Wednesday, December 30, 2009
Seems that amongst other things HD TVs are being pushed pretty hard - I've got the Freesat option myself and am a little irritated that Channel 4 is not on that platfrom as yet.
Have asked Channel 4 about their plans and was told by their Viewer Enquiries that
" Unfortunately, there is no satellite capacity for our HD channel on Freesat at present, when this situation changes we hope to make our HD channels available on Freesat."
Now I must say I had thought that Freesat and Sky pretty much shared the same capacity apart from adding some EPG and CA stuff it should not require extra capacity - having done a search I found that there is (perhaps) money changing hands which I guess helps attract and keep Sky HD viewers But it seems that the real cause is that C4 does not have capacity on the correct spot beam on Astra 2D (other beams allow too much spill into other territories) so hope they can
get this capacity soon.
I see that there might be more FTA (free to air) HD in the near future and hope that this will be the case (or will it be all on Freeview?)
Sunday, December 20, 2009
Strangely I've read far fewer books this year than normal but I have just completed Levitt & Dubner's follow up to Freakonomics it is a great stimulus to thought/reflection and named rather unsurprisingly 'Super Freakonomics'.
The most amazing chapter is the last one which gives some details of research conducted by Keith Chen into the behaviour of capuchin monkeys - it is quite something.
Like Tim Harford whose book The Logic of Life I'm looking forward to reading Dubner and Levitt are ostensibly economists but in reality they are much more than this. Incidentally Tim Harford's programme 'More or less' that is broadcast on Radio 4 is now back for a fresh run and this week it included an illuminating insight into the folly of energy saving light bulbs.
The other author with an exciting treatise into modern life is the somewhat enigmatic Alain De Botton his latest book, The Pleasures and Sorrows of Work will be sampled (by me) over the Christmas holidays - from a skim of the reviews it appears (paraphrasing somewhat here) that De Botton concludes that we work to distract ourselves from the fact that life is all too brief.
Sunday, December 13, 2009
Couple on interesting events over the last week:
1) There's a bit of a buzz about 3D, it's seen a few false dawns and its early modern roots go back to the cinema trying to offer something that TV couldn't but it now seems that TV (and display manufacturers) are providing much of the impetus for the current wave.
I went to a workshop and presentation held by the IET most impressive was Charlotte Huggins who as well as being a fantastic ambassador for the topic she's a great speaker and can really communicate her enthusiasm.
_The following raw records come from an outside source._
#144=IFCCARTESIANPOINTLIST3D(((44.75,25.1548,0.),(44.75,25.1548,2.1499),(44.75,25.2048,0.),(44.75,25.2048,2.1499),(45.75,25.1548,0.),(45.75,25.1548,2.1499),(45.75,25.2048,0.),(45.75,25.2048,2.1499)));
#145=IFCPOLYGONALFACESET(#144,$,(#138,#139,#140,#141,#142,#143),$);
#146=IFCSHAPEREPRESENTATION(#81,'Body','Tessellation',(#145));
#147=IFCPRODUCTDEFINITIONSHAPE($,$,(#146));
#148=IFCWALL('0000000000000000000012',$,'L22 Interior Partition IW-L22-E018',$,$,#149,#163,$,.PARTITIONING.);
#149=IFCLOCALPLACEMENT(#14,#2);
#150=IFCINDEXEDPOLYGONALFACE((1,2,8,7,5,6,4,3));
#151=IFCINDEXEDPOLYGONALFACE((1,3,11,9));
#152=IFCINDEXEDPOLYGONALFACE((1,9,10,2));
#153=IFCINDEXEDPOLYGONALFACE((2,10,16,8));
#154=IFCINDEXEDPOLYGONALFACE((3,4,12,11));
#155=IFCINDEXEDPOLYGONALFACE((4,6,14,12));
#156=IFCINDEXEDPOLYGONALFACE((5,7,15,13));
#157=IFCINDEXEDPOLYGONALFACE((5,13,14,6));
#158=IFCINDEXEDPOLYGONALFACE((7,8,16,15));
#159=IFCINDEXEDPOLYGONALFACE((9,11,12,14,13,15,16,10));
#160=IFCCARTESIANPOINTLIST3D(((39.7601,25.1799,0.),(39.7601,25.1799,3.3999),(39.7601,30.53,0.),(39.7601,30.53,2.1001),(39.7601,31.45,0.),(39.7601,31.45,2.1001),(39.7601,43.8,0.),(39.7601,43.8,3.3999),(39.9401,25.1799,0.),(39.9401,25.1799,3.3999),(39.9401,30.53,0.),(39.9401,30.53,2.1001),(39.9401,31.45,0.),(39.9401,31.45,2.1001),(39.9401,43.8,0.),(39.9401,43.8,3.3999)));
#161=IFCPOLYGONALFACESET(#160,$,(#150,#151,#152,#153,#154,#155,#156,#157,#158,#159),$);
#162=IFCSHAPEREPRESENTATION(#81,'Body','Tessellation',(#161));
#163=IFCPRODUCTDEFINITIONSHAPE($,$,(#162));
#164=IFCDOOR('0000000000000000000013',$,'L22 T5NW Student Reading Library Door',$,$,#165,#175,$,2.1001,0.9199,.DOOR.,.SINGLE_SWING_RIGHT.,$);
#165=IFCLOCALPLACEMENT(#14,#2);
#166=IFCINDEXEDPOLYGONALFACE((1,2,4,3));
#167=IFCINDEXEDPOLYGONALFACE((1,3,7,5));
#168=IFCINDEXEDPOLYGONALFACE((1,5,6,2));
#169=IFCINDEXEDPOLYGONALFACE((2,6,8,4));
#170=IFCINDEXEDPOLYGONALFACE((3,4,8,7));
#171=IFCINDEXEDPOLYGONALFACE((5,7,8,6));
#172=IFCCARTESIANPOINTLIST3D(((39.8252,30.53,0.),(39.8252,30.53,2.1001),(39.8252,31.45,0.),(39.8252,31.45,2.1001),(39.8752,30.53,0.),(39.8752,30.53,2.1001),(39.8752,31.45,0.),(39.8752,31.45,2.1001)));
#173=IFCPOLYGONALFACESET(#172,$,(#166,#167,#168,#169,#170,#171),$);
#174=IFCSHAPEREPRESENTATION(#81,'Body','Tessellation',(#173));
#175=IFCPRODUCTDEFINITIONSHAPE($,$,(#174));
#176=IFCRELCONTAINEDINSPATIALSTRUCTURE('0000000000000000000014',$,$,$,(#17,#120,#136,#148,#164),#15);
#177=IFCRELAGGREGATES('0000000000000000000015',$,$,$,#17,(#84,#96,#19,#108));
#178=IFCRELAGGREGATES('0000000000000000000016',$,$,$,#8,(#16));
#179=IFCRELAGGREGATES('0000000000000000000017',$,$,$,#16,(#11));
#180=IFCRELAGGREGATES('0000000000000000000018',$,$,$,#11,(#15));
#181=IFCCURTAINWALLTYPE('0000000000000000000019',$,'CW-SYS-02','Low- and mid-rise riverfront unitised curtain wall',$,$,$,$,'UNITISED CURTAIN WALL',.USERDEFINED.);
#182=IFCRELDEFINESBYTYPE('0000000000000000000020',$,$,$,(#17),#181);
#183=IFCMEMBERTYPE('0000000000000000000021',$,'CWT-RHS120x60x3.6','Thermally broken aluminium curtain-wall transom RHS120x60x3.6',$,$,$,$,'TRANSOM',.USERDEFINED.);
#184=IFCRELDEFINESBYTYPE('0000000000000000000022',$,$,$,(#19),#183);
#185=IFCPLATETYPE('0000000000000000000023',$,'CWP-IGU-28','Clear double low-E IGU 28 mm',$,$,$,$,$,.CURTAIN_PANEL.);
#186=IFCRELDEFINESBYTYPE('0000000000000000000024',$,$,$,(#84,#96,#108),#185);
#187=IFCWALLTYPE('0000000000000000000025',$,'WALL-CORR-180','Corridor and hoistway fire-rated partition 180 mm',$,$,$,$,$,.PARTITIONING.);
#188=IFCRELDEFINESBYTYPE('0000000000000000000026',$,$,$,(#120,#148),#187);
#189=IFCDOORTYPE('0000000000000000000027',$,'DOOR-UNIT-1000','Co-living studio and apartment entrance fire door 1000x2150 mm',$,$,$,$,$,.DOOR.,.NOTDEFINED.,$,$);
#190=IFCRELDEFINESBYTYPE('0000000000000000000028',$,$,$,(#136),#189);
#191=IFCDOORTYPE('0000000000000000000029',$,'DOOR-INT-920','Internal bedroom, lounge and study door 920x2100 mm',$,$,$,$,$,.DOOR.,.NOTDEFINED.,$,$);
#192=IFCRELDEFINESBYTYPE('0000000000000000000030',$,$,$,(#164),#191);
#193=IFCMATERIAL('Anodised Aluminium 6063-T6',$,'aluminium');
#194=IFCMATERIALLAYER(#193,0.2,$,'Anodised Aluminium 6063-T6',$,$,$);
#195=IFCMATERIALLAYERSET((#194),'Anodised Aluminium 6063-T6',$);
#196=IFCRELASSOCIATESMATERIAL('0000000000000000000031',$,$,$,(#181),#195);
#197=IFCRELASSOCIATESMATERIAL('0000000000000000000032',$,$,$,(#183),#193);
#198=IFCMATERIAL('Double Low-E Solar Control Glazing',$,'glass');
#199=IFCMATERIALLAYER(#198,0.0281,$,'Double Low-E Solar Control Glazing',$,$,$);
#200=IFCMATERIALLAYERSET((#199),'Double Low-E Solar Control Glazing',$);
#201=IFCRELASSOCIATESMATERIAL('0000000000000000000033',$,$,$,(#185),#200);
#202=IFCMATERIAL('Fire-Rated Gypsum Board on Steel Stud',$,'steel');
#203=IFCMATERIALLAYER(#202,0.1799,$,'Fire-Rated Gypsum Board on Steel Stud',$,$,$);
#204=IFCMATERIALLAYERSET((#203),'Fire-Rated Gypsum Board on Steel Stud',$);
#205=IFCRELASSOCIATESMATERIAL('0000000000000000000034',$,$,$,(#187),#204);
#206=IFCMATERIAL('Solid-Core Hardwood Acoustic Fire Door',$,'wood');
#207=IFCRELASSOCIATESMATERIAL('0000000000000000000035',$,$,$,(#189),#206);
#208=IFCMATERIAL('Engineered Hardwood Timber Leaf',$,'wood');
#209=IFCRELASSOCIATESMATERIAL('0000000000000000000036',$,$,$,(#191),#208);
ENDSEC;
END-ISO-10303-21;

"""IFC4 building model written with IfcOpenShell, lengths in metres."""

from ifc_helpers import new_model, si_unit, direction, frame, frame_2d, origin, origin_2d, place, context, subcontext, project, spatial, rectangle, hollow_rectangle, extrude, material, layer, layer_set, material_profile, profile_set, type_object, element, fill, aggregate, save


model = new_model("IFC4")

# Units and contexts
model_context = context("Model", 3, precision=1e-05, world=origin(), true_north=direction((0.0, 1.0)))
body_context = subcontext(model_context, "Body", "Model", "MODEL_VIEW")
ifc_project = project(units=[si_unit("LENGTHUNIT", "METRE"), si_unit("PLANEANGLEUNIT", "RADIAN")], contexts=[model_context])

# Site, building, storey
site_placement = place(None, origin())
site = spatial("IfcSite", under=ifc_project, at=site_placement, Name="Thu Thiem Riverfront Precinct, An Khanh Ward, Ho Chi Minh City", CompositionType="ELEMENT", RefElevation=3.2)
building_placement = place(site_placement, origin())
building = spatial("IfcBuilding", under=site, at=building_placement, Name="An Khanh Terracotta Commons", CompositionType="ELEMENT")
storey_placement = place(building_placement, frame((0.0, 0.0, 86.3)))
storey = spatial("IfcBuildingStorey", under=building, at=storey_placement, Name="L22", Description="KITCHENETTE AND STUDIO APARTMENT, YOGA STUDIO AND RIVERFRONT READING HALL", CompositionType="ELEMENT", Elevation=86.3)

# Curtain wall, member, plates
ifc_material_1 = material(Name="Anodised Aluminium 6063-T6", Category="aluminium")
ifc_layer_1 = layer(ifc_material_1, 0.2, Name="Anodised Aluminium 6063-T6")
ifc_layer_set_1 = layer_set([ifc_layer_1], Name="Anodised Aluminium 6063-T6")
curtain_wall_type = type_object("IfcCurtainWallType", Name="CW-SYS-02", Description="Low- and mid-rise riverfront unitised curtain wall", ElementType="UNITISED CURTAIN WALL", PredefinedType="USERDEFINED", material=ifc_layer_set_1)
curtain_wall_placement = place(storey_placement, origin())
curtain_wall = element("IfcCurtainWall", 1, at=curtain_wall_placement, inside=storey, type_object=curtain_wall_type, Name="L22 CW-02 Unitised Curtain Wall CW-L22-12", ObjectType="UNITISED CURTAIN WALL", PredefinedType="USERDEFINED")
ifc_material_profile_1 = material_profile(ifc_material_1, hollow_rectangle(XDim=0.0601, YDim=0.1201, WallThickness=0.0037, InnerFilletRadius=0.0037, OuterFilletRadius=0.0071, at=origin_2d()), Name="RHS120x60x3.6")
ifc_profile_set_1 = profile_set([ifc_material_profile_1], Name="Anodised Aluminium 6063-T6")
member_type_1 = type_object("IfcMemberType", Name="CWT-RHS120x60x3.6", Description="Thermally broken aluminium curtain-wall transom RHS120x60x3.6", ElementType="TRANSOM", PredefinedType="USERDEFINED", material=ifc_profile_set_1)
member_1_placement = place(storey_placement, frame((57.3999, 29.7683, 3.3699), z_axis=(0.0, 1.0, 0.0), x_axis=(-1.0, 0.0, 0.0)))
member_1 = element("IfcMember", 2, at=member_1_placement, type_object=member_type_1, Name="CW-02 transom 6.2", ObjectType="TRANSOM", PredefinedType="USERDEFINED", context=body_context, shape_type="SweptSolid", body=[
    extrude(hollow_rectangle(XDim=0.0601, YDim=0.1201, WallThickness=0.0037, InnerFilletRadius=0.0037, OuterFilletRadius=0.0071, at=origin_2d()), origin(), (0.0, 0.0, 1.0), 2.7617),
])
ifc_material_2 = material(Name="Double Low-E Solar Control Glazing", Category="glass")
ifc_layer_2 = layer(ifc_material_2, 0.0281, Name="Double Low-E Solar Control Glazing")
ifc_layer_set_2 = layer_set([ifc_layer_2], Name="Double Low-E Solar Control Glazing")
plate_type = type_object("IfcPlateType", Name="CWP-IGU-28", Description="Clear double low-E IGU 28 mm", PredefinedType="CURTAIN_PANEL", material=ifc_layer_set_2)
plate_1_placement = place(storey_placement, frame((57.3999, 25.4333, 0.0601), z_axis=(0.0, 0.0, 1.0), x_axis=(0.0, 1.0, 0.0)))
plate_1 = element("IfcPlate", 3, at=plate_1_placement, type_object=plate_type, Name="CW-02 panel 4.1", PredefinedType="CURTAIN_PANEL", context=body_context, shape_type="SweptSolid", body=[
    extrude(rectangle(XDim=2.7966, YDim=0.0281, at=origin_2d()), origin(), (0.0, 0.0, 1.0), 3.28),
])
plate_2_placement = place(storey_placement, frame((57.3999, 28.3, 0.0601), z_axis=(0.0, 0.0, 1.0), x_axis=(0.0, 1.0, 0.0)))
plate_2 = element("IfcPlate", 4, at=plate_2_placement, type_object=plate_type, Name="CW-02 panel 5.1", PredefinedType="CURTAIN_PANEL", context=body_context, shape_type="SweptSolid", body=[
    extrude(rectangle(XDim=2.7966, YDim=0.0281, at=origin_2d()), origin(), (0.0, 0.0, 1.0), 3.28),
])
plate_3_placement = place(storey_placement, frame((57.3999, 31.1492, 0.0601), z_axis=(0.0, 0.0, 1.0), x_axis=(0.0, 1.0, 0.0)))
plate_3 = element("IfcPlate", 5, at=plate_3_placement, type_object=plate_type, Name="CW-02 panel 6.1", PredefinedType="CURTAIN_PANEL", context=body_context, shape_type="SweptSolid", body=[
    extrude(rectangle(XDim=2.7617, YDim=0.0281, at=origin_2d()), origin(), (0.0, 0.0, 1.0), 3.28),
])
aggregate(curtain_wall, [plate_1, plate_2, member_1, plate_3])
See her here.
At the end of the event I must say I see it more as a cinema experience than a TV one although perhaps I'll be proved wrong by Sky's launch of a dedicated 3D channel in 2010.
2) Greg Dyke was speaking at the London Centre RTS Christmas lecture, it seems he's now come to terms with the fact that he's not going to be a senior figure in broadcasting but he had a number of incisive perspectives on the present state of UK TV, the ones most likely to raise eyebrows being that Channel 5 has no independent future the other being that the BBC management salaries are too high.
Rather worryingly Dyke looks increasingly like Kelvin Mackenzie (The former Sun newspaper editor).
Sunday, December 06, 2009
How we experience television is changing very rapidly and those who do not not embrace the change risk being left behind.
I recently submitted the final piece of work for my long running effort to achieve an MBA, it was a study that focused on how ITV may have damaged the "ITV Brand" by its pursuit of cash through the ITV Play adventure, somewhat surprisingly I came to the conclusion that no serious damage had been done.
My survey and research provided evidence that ITV was a strong brand and I personally felt at the time of my research that ITV did not leverage the brand to maximum effect.
Of late ITV (ITV 1 at least) has I believe improved its proposition with the use of mass audience fodder such as 'X factor' and Hell's kitchen; such programmes as well as attracting audience help to strengthen the proposition that ITV offers - the branding has correspondingly improved with junctions exploiting the programme relationship. Much of the credit for the improvement must rest with Rupert Howell who has given the lead there.
Now as ITV post Grade looks for a future less reliant on advertising it needs to direct attention at the 'partner channels' (ITV 2, 3, 4 along with CITV) and to make a big splash with either Hulu or Youtube.
As well as a broadcaster it is and has been for some time a formidable content producer the question of how this fits into delivering advertising to audiences (or is that the other way round?) is a question that has no easy answer.